Nur in der Printausgabe: ein Porträt des Schiitenführers, der gerne Präsident des Irak werden würde, ein Artikel über die Galeristin Marian Goodman, das Porträt eines Schauspielers, der es auf 50 Jahre Leinwandpräsenz bringt, und Lyrik von Mary Karr und Franz Wright.
Archiv: New Yorker

New York Times (USA), 26.01.2004

Auf eine beachtliche "Bibliothek der Verdammung" ist George Schmemann gestoßen, als er nach amerikanischen Büchern gesucht hat, die sich (wie das Mutterblatt) kritisch mit der Bush-Regierung auseinandersetzen. In einer Mammutrezension stellt er die sieben besten vor, sein Liebling ist "America Unbound" (erstes Kapitel) von Ivo H. Daalder und James M. Lindsay (ein Interview zum Anhören), deren einwandfrei belegte These lautet, dass George Bush eben nicht die Schießbudenfigur der Cartoonisten ist, sondern der Puppenspieler selbst." Besonderes Lob findet auch "The Bubble of Supremacy" (erstes Kapitel) des vormals berüchtigten Finanzspekulanten George Soros (Selbstdarstellung), der Bushs Wiederwahl "mit allen Mitteln" verhindern will und nun in seinem Werk "überlegt und didaktisch gekonnt darlegt, wie die Regierung den 11. September für ihren radikalen Kurs instrumentalisiert."

Weitere Artikel: Endlich, seufzt Andrew Sullivan ob Irshad Manjis (Homepage) Suada "The Trouble With Islam", wird der islamische Fundamentalismus auch mal aus den eigenen Reihen attackiert. Allerdings warnt er die Autorin wegen ihrer unverblümten Art auch vor dem bevorstehenden Gegenangriff. Walter Kirn ist froh, dass David Denby (schreibt auch Kinokritiken für den New Yorker) kein erfolgreicher Börsenspekulant geworden ist, sonst hätte er nicht den Stoff für sein lesenswerten Erfahrungsbericht "American Sucker" (erstes Kapitel) gehabt. Kirn hat daraus einiges über die "Natur der Sünde" heutzutage gelernt. "Nicht unsere privaten Teile sind die größte Quelle für Ärger; es sind unsere Brieftaschen, die wir nicht in der Hose behalten können."

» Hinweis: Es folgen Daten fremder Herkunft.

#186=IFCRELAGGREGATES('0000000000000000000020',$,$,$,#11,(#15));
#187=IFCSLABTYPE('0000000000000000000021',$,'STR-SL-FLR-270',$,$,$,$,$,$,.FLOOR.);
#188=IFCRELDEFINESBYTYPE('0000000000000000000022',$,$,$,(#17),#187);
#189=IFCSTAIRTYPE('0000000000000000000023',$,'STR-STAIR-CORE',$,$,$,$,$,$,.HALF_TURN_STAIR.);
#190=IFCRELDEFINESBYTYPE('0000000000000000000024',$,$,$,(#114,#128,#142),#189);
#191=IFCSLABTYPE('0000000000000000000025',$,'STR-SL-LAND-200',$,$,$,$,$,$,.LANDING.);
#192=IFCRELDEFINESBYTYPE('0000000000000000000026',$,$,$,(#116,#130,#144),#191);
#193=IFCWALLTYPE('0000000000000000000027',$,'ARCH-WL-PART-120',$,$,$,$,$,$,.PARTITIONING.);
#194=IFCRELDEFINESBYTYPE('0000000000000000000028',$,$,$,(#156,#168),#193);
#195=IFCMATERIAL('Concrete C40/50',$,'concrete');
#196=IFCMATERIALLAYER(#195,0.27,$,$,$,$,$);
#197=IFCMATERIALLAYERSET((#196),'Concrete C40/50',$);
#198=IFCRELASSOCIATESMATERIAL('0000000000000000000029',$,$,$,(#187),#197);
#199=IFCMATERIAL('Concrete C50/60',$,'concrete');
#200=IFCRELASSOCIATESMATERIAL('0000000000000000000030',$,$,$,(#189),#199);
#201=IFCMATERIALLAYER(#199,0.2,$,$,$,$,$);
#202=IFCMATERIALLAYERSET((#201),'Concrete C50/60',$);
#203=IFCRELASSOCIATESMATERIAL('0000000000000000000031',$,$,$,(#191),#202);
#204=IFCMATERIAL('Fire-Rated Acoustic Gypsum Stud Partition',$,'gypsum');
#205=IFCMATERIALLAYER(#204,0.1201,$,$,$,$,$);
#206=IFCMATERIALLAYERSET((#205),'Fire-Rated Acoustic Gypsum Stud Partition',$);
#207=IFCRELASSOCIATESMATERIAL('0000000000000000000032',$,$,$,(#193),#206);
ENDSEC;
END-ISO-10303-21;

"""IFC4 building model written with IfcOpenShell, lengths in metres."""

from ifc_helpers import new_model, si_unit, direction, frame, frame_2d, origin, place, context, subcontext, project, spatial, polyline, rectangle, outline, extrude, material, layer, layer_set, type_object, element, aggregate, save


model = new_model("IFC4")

"Das amerikanische Copyright System wurde erfunden, um Innovationen zu fördern, heute wird es benutzt, um sie zu zermalmen." Im New York Times Magazine beschreibt Robert S. Boynton in einem langen Artikel die "Tyrannei des Copyrights". Streitfälle der jüngsten Zeit umfassten "Versuche, von den Girl Scouts Tantiemen für das Singen von Liedern am Lagerfeuer zu fordern bis zu dem Prozess, den die Nachlassverwalter von Margaret Mitchell gegen die Veröffentlichung von Alice Randalls Buch 'The Wind done gone' anstrengten (es erzählt die Geschichte von 'Vom Winde verweht' aus der Perspektive eines Sklaven) und den Versuchen von Celera Genomics, Patente auf menschliche Gene einzuklagen." Inzwischen hat sich eine Gegenbewegung gebildet, die sich "Copy Left" nennt und fordert, dass Copyright für intellektuelle und künstlerische Ideen auf eine kürzere Zeit zu beschränken (mehr hier, hier und hier). In Amerika sind diese Rechte in den letzten Jahrhunderte von 14 Jahren (1790) auf 70 bis 95 Jahre (heute) ausgedehnt worden.